Opposition (Schoof, Esteban, Yap) argued that though complexity may have been designed, it is not evidence for it. Evolution, for example, provides an explanation to explain order. Thus, we need not attribute complexity to the action of an intelligent will that provides direction or purpose.

It was on the question of whether purpose implied intelligence that this whole debate seemed to rest.

The Government’s case is that interconnectedness itself implied purpose, and purpose implied intelligence. However, what seem to be purposeful arrangements in nature may simply be mental constructs. The Opposition pointed out that humans have the peculiar habit of creating these constructs to understand their world.

But, the fact that a purposeful relationship is a construct does not mean that it does not exist in reality. That, however, is just the point. If you can’t see what it really is, then how can you prove or disprove its very existence?

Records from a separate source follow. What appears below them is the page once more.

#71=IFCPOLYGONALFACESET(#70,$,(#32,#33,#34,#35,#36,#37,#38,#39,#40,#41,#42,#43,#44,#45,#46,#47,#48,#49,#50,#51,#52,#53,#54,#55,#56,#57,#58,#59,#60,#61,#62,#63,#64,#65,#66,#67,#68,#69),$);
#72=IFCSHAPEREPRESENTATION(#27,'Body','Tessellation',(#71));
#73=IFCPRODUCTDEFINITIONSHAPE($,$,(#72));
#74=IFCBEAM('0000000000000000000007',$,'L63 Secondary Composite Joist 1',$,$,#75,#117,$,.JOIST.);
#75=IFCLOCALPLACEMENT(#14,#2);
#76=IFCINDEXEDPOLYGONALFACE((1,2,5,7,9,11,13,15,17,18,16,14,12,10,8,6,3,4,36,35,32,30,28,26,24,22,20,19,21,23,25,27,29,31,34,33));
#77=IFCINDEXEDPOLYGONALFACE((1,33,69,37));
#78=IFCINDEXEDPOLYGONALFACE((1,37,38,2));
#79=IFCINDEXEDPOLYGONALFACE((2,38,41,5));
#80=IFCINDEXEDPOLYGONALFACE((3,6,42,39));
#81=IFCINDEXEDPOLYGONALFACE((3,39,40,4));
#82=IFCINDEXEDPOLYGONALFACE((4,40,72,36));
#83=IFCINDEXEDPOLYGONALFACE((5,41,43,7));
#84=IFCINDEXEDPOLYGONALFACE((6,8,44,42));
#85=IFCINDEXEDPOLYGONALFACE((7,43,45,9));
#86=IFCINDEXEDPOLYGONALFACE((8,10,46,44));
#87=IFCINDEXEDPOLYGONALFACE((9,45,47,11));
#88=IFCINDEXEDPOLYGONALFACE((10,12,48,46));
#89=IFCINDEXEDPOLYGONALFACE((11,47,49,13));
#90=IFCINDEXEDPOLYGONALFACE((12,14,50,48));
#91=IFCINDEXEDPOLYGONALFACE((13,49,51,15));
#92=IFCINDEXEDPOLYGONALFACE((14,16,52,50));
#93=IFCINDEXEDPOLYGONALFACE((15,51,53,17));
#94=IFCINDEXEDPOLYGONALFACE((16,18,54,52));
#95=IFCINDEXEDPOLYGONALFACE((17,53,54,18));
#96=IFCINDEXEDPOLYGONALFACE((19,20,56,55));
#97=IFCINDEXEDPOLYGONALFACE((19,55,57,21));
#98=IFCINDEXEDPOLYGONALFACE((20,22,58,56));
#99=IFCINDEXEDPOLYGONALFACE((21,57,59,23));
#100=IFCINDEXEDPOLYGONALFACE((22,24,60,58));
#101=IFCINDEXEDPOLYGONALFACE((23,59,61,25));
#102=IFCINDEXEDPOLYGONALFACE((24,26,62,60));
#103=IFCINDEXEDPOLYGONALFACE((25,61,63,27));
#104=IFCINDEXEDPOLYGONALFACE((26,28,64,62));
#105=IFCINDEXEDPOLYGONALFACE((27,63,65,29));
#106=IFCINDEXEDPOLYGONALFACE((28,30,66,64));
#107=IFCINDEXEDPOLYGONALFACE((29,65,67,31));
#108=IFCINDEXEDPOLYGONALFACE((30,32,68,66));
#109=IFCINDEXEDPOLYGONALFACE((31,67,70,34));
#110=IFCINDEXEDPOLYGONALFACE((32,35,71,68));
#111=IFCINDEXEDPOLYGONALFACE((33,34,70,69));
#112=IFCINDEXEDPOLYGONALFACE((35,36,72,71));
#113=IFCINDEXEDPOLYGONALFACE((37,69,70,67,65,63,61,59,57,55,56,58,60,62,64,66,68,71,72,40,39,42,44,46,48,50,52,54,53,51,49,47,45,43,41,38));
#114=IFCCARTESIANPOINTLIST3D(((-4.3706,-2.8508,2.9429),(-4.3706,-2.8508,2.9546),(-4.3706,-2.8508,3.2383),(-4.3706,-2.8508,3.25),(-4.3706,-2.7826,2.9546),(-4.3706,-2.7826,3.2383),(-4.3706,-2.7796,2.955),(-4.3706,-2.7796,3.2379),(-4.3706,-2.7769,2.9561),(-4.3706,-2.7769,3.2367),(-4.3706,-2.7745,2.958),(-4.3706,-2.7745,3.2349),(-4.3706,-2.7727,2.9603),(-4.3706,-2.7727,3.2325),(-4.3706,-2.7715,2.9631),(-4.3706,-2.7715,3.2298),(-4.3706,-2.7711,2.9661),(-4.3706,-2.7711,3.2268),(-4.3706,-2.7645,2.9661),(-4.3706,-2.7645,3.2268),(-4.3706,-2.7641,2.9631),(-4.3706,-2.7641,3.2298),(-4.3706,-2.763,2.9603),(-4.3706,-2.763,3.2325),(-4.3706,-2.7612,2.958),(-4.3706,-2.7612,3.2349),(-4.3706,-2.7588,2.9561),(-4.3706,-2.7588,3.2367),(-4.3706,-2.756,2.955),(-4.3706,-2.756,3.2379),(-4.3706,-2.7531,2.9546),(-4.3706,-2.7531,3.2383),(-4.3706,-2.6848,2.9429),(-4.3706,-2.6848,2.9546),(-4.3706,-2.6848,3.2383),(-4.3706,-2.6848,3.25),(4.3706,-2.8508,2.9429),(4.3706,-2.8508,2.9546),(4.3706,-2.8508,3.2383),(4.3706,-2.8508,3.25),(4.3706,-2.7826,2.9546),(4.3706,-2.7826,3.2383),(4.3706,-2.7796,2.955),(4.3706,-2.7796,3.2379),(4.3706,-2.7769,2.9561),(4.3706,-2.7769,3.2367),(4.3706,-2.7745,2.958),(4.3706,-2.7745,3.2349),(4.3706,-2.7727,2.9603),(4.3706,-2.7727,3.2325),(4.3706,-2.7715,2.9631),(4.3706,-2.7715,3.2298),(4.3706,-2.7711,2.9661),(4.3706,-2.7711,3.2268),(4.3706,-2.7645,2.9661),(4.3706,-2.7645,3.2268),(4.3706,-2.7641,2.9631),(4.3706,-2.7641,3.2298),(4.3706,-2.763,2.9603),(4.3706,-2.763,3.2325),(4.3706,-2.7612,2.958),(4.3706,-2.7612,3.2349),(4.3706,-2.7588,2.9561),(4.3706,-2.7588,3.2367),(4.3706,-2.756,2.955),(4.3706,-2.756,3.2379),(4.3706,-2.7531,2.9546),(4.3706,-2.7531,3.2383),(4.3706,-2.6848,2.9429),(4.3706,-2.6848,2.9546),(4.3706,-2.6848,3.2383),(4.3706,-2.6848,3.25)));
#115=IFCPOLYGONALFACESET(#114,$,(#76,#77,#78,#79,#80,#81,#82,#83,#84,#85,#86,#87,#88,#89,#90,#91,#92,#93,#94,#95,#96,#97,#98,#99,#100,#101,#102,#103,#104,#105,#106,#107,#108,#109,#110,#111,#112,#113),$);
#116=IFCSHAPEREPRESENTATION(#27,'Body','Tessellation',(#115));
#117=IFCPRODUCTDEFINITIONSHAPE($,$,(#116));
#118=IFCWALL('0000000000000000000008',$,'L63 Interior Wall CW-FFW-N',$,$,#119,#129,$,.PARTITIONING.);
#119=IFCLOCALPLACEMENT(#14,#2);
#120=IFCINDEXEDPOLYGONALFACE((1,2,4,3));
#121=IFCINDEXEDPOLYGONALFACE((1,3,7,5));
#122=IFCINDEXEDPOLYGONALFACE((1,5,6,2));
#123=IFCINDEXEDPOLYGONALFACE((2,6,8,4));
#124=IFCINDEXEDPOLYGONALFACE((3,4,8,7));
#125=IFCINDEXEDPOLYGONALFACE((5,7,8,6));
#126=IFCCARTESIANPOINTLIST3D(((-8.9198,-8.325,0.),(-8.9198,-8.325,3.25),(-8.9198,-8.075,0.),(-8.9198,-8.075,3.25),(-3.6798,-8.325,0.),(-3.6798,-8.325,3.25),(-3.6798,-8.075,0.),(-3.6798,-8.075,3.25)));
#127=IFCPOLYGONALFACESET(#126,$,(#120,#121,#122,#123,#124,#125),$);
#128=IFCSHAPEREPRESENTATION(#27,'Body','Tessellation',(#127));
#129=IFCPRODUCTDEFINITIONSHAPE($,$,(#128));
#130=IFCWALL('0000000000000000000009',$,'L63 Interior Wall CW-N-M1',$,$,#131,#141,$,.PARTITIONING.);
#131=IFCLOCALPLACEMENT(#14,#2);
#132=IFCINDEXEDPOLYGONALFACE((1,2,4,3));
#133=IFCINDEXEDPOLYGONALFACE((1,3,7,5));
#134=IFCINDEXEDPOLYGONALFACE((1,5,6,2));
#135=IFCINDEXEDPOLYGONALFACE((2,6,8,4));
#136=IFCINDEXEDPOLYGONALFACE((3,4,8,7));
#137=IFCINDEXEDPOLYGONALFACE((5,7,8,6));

What the actual purposes of things are, whether they are intelligently given purposes or not, is ultimately unfalsifiable, which makes the theory of intelligent design unscientific.

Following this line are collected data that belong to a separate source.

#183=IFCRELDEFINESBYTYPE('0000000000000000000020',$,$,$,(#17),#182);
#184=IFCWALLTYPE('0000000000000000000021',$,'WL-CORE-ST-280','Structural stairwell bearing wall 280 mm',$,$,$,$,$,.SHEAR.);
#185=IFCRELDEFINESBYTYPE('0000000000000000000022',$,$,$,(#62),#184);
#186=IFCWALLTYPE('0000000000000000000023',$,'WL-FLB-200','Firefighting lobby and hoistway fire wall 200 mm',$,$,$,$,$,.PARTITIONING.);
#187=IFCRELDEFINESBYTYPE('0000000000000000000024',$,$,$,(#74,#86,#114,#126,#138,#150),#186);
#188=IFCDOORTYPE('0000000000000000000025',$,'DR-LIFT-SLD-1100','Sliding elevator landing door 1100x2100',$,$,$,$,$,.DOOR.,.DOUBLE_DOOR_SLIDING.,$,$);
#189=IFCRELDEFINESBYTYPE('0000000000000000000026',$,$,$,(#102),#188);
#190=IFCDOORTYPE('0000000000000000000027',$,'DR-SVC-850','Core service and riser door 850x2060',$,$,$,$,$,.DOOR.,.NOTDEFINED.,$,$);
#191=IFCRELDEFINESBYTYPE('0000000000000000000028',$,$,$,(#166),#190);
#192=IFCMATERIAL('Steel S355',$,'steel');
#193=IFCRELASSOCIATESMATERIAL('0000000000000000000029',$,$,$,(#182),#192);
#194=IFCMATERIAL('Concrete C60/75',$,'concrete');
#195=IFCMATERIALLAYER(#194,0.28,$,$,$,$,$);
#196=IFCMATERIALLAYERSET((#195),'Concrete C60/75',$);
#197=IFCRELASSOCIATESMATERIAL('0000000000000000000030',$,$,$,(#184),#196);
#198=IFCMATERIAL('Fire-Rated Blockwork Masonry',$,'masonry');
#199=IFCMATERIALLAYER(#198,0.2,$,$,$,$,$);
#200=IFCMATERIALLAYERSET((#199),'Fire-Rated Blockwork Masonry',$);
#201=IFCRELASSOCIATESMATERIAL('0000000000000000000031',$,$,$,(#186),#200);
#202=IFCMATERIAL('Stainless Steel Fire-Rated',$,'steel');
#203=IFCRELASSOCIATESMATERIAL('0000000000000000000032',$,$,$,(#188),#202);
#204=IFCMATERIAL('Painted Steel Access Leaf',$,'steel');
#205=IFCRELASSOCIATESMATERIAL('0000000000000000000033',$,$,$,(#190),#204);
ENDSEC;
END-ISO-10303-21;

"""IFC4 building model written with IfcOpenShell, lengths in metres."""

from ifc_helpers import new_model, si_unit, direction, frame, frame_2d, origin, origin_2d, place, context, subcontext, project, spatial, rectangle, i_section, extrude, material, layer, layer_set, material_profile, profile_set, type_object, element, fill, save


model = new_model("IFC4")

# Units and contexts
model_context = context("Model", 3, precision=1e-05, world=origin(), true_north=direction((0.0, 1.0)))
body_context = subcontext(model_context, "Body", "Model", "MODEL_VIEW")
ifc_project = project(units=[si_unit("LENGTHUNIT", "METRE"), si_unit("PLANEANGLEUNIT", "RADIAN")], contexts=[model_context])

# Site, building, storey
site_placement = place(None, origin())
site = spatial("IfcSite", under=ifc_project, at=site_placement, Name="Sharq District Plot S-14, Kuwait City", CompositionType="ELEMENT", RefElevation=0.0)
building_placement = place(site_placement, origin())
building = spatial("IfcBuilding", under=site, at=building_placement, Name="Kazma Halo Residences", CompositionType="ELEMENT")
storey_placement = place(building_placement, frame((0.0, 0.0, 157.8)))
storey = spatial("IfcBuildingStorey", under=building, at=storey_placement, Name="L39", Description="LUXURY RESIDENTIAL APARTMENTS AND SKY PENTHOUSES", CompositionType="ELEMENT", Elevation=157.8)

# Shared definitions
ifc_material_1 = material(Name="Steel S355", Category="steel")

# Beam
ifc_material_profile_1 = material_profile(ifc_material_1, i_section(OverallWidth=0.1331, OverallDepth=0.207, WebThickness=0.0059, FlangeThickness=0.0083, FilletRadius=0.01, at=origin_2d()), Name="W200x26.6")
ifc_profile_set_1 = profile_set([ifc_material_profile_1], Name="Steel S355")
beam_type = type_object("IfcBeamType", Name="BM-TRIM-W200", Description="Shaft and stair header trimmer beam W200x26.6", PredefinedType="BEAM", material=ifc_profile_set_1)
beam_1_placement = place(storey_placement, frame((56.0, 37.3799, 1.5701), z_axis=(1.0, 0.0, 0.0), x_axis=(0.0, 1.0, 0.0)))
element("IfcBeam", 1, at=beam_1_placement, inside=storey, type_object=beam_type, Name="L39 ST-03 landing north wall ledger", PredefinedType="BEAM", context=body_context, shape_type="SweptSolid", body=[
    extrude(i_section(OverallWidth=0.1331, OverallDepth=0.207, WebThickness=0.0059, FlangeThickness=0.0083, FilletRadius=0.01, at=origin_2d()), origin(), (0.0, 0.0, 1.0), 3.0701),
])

The theory is unscientific in another way.

Let’s take the example of the human eye, broached by the government. This structure is so complex that it is hard to imagine that it could have arisen by random mutations alone. But, opposition pointed out that even if the eye may be very complex to us, in the language of nature the eye might actually be something rather simple. In any case, it is not perfect.

But the absence of perfection is not proof that there is no intelligent designer, because he may be acting slowly. Neither is the trial and error of evolution proof of his inexistence, because the intelligent designer might choose to work by trial and error. Thus, because of his freedom, his existence can not be falsified. This unfalsifiability puts the theory of intelligent design outside of science.

This does not mean that there is no intelligent designer. There is one, as Government pointed out using the 5th proof of St. Thomas Aquinas for the existence of God. But his existence is demonstrated in philosophy and not in science.
Thus, both groups are correct. It just depends which field—science or philosophy—they are addressing.

This was a very difficult debate that saw both groups receiving high points from the audience.